Just released library 0.9.0b9 and custom component 20220509.3 (instructions for refresh_token with HA are in the custom component release notes).

Login with & automated refresh of refresh_token does work for rest of world, and should also work for china. Please try and give feedback.

If you guys manage to figure out the AES encryption and are willing to share, I'll happily include it in the library (of course giving you the credit for finding it out, such as with the RSA encryption for china login (8ffe1fe).

I have input the refresh token to config/.storage/core.config_entries following the instructions in 20220509.3 and it works perfectly. One thing to note: also add a comma after "region": "china", or you can not reboot HA.

rikroe commented 2 years ago

Big thanks to @HuChundong @muxiachuixue @vividmuse for figuring out the login flow and providing me the information required!

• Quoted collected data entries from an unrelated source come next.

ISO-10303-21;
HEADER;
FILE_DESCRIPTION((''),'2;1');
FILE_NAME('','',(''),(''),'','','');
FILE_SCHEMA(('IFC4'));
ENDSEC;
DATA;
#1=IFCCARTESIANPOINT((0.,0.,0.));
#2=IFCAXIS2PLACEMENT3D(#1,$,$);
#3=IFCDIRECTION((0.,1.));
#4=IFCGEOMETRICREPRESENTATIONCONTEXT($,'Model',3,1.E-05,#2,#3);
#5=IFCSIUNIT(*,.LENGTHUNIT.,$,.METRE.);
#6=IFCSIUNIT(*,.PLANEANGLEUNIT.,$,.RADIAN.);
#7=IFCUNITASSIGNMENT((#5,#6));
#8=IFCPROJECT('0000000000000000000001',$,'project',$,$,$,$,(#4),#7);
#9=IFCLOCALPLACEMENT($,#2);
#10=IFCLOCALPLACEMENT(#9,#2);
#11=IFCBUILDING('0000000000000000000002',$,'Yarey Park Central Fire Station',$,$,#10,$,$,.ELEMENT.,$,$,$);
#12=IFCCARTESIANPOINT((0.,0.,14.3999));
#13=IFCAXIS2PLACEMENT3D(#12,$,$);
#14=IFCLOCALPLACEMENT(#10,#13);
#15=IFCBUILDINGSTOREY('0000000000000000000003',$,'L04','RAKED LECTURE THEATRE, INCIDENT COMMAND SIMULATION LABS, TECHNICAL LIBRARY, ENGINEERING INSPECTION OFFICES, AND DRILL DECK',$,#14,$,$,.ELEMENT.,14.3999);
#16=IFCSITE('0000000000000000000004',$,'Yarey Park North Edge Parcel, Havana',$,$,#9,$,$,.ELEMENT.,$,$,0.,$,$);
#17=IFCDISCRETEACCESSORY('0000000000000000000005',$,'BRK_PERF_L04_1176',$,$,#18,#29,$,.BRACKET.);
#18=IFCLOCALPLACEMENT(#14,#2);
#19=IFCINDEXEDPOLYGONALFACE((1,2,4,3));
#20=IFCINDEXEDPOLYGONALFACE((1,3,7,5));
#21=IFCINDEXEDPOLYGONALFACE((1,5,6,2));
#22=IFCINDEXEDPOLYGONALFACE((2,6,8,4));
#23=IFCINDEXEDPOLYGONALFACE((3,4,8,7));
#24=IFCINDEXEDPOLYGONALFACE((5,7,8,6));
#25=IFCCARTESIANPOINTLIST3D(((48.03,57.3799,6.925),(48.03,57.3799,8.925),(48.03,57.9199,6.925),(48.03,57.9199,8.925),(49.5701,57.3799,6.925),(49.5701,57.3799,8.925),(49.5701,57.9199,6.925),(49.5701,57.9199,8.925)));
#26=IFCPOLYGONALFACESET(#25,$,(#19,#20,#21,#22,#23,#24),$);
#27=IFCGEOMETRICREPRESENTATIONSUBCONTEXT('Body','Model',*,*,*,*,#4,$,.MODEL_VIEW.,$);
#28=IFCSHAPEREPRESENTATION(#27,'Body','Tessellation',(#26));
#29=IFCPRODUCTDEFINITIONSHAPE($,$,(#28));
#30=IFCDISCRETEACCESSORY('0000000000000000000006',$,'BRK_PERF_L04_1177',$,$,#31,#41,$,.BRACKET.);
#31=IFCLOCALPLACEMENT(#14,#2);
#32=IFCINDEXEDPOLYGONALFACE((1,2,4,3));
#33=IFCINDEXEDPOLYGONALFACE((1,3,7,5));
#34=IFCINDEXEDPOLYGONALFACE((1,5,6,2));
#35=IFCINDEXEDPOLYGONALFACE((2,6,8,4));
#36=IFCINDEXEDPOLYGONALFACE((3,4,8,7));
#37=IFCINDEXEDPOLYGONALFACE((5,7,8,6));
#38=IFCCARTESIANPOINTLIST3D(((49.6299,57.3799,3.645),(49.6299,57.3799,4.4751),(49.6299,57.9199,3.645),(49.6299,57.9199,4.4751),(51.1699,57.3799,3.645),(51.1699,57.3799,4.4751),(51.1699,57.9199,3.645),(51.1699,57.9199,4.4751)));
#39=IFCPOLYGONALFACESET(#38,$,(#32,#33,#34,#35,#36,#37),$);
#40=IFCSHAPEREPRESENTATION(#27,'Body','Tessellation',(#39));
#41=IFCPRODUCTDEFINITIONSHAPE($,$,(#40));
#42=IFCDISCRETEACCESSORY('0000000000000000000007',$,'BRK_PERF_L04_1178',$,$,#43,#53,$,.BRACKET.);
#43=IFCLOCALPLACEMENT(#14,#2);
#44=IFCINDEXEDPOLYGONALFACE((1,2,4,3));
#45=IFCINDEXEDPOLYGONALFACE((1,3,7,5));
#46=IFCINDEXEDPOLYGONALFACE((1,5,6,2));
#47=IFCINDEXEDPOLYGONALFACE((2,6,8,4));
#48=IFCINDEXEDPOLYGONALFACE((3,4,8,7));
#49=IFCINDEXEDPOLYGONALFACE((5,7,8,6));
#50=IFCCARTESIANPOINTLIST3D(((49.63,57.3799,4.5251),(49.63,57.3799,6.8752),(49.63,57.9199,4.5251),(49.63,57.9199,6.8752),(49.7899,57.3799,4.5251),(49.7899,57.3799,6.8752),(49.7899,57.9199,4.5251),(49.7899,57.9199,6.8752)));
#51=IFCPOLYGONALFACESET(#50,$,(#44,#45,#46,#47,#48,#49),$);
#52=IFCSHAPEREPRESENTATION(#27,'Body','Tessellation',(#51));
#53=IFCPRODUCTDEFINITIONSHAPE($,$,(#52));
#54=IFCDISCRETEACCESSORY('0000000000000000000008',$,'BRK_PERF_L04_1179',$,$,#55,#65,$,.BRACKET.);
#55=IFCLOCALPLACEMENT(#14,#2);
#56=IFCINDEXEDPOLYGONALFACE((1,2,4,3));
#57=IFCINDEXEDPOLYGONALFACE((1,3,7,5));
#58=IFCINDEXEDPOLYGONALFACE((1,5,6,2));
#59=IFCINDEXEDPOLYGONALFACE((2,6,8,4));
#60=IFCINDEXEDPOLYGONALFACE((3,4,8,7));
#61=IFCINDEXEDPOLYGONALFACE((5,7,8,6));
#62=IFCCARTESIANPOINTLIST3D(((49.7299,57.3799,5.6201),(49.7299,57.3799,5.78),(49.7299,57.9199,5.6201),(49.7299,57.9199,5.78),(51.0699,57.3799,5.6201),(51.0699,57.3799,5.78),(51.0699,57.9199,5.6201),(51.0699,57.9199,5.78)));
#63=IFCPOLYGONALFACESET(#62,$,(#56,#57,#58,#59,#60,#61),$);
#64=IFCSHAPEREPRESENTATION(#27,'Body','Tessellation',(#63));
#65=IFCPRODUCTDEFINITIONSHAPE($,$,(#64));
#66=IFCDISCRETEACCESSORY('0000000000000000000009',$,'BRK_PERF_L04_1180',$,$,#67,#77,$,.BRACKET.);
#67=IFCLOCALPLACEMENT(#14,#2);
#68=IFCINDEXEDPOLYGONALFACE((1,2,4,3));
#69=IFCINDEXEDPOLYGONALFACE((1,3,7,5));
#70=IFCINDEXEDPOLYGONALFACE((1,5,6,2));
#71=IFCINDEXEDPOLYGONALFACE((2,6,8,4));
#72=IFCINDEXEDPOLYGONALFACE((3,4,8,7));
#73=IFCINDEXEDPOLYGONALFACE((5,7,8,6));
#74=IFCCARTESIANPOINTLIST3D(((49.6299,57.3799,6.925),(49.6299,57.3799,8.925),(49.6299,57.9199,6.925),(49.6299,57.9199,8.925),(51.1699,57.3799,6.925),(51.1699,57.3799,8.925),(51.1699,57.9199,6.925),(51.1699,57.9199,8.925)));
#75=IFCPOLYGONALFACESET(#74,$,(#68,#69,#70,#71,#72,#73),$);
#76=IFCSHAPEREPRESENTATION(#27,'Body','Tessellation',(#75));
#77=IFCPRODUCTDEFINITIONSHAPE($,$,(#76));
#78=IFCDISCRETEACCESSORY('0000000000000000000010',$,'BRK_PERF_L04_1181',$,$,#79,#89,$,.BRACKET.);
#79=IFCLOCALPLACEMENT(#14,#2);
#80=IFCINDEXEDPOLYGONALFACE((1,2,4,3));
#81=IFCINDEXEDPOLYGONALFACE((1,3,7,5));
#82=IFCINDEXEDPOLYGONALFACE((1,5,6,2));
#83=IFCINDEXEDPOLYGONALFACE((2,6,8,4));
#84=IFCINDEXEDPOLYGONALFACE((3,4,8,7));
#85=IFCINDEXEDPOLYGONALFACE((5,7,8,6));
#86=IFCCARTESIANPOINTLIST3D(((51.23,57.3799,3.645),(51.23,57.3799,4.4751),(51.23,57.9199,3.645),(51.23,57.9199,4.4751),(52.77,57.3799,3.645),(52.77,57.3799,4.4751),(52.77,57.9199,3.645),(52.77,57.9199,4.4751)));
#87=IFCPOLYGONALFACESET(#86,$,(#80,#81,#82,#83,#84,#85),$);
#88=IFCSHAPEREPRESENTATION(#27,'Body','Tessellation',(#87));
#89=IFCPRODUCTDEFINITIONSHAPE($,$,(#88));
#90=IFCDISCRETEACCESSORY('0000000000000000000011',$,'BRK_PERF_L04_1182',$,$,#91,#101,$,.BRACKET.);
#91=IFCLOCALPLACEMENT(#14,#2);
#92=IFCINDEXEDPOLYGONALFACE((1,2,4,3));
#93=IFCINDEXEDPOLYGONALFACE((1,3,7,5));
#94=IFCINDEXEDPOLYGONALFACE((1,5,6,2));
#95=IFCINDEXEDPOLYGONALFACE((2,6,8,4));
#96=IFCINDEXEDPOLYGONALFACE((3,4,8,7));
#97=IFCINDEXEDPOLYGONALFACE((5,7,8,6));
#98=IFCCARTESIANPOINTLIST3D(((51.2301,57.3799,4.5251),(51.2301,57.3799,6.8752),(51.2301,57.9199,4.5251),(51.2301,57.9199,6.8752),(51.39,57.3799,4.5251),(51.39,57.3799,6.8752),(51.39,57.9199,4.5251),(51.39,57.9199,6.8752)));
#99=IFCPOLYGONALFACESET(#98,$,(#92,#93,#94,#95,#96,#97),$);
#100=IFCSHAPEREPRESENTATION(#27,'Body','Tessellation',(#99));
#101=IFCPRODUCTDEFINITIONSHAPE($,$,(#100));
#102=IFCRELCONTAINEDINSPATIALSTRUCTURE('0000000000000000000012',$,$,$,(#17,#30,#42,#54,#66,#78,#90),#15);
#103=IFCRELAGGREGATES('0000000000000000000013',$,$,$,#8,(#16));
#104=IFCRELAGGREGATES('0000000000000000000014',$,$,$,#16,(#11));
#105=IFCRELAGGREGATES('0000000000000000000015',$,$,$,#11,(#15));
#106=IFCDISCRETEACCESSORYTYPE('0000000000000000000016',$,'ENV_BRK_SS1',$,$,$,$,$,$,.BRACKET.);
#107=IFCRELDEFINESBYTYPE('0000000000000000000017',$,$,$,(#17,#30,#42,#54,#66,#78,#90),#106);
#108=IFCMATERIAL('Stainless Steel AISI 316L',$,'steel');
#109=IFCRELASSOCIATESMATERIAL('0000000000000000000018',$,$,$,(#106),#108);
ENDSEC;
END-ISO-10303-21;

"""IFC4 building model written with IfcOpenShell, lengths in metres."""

from ifc_helpers import new_model, si_unit, direction, frame, origin, origin_2d, place, context, subcontext, project, spatial, rectangle, extrude, material, type_object, element, save


model = new_model("IFC4")

# Units and contexts
model_context = context("Model", 3, precision=1e-05, world=origin(), true_north=direction((0.0, 1.0)))
body_context = subcontext(model_context, "Body", "Model", "MODEL_VIEW")
ifc_project = project(units=[si_unit("LENGTHUNIT", "METRE"), si_unit("PLANEANGLEUNIT", "RADIAN")], contexts=[model_context])

# Site, building, storey
site_placement = place(None, origin())
site = spatial("IfcSite", under=ifc_project, at=site_placement, Name="Yarey Park North Edge Parcel, Havana", CompositionType="ELEMENT", RefElevation=0.0)
building_placement = place(site_placement, origin())
building = spatial("IfcBuilding", under=site, at=building_placement, Name="Yarey Park Central Fire Station", CompositionType="ELEMENT")
storey_placement = place(building_placement, frame((0.0, 0.0, 14.3999)))
storey = spatial("IfcBuildingStorey", under=building, at=storey_placement, Name="L04", Description="RAKED LECTURE THEATRE, INCIDENT COMMAND SIMULATION LABS, TECHNICAL LIBRARY, ENGINEERING INSPECTION OFFICES, AND DRILL DECK", CompositionType="ELEMENT", Elevation=14.3999)

# Discrete accessories
ifc_material = material(Name="Stainless Steel AISI 316L", Category="steel")
discrete_accessory_type = type_object("IfcDiscreteAccessoryType", Name="ENV_BRK_SS1", PredefinedType="BRACKET", material=ifc_material)
discrete_accessory_1_placement = place(storey_placement, frame((48.8, 57.6499, 6.925), z_axis=(0.0, 0.0, 1.0), x_axis=(1.0, 0.0, 0.0)))
element("IfcDiscreteAccessory", 1, at=discrete_accessory_1_placement, inside=storey, type_object=discrete_accessory_type, Name="BRK_PERF_L04_1176", PredefinedType="BRACKET", context=body_context, shape_type="SweptSolid", body=[
    extrude(rectangle(XDim=1.54, YDim=0.54, at=origin_2d()), origin(), (0.0, 0.0, 1.0), 2.0),
])
discrete_accessory_2_placement = place(storey_placement, frame((50.3999, 57.6499, 3.645), z_axis=(0.0, 0.0, 1.0), x_axis=(1.0, 0.0, 0.0)))
element("IfcDiscreteAccessory", 2, at=discrete_accessory_2_placement, inside=storey, type_object=discrete_accessory_type, Name="BRK_PERF_L04_1177", PredefinedType="BRACKET", context=body_context, shape_type="SweptSolid", body=[
    extrude(rectangle(XDim=1.54, YDim=0.54, at=origin_2d()), origin(), (0.0, 0.0, 1.0), 0.8301),
])
discrete_accessory_3_placement = place(storey_placement, frame((49.71, 57.6499, 4.5251), z_axis=(0.0, 0.0, 1.0), x_axis=(1.0, 0.0, 0.0)))
element("IfcDiscreteAccessory", 3, at=discrete_accessory_3_placement, inside=storey, type_object=discrete_accessory_type, Name="BRK_PERF_L04_1178", PredefinedType="BRACKET", context=body_context, shape_type="SweptSolid", body=[
    extrude(rectangle(XDim=0.1599, YDim=0.54, at=origin_2d()), origin(), (0.0, 0.0, 1.0), 2.3501),
])
discrete_accessory_4_placement = place(storey_placement, frame((50.3999, 57.6499, 5.6201), z_axis=(0.0, 0.0, 1.0), x_axis=(1.0, 0.0, 0.0)))
element("IfcDiscreteAccessory", 4, at=discrete_accessory_4_placement, inside=storey, type_object=discrete_accessory_type, Name="BRK_PERF_L04_1179", PredefinedType="BRACKET", context=body_context, shape_type="SweptSolid", body=[
    extrude(rectangle(XDim=1.3401, YDim=0.54, at=origin_2d()), origin(), (0.0, 0.0, 1.0), 0.1599),
])
discrete_accessory_5_placement = place(storey_placement, frame((50.3999, 57.6499, 6.925), z_axis=(0.0, 0.0, 1.0), x_axis=(1.0, 0.0, 0.0)))
element("IfcDiscreteAccessory", 5, at=discrete_accessory_5_placement, inside=storey, type_object=discrete_accessory_type, Name="BRK_PERF_L04_1180", PredefinedType="BRACKET", context=body_context, shape_type="SweptSolid", body=[
    extrude(rectangle(XDim=1.54, YDim=0.54, at=origin_2d()), origin(), (0.0, 0.0, 1.0), 2.0),
])
discrete_accessory_6_placement = place(storey_placement, frame((52.0, 57.6499, 3.645), z_axis=(0.0, 0.0, 1.0), x_axis=(1.0, 0.0, 0.0)))
element("IfcDiscreteAccessory", 6, at=discrete_accessory_6_placement, inside=storey, type_object=discrete_accessory_type, Name="BRK_PERF_L04_1181", PredefinedType="BRACKET", context=body_context, shape_type="SweptSolid", body=[
    extrude(rectangle(XDim=1.54, YDim=0.54, at=origin_2d()), origin(), (0.0, 0.0, 1.0), 0.8301),
])
discrete_accessory_7_placement = place(storey_placement, frame((51.3101, 57.6499, 4.5251), z_axis=(0.0, 0.0, 1.0), x_axis=(1.0, 0.0, 0.0)))
element("IfcDiscreteAccessory", 7, at=discrete_accessory_7_placement, inside=storey, type_object=discrete_accessory_type, Name="BRK_PERF_L04_1182", PredefinedType="BRACKET", context=body_context, shape_type="SweptSolid", body=[
    extrude(rectangle(XDim=0.1599, YDim=0.54, at=origin_2d()), origin(), (0.0, 0.0, 1.0), 2.3501),
])

save(model, "model.ifc")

I didn't put in into the code in clear text, but of course it is obvious (cannot be changed). However this feels much better to me than hosting a service somewhere where users have to share personal information (such as mobile number). At least, now everything is still done locally.

The SMS API is not really suited for Home Assistant - it would be possible, but with more effort (and if you guys are using it for the iOS shortcuts, lets keep it there)!

I have just released a new library version + custom component that should enables you logging in again.

muxiachuixue commented 2 years ago

Big thanks to @HuChundong @muxiachuixue @vividmuse for figuring out the login flow and providing me the information required!

I didn't put in into the code in clear text, but of course it is obvious (cannot be changed). However this feels much better to me than hosting a service somewhere where users have to share personal information (such as mobile number). At least, now everything is still done locally.

The SMS API is not really suited for Home Assistant - it would be possible, but with more effort (and if you guys are using it for the iOS shortcuts, lets keep it there)!

I have just released a new library version + custom component that should enables you logging in again.

Thanks. I have tried the 20220511.2 version. It works well.

yongman commented 2 years ago

@rikroe @muxiachuixue I tried 20220511.2, It appears that periodic unavailable, seems one hour. The strategy of token refresh has some defects?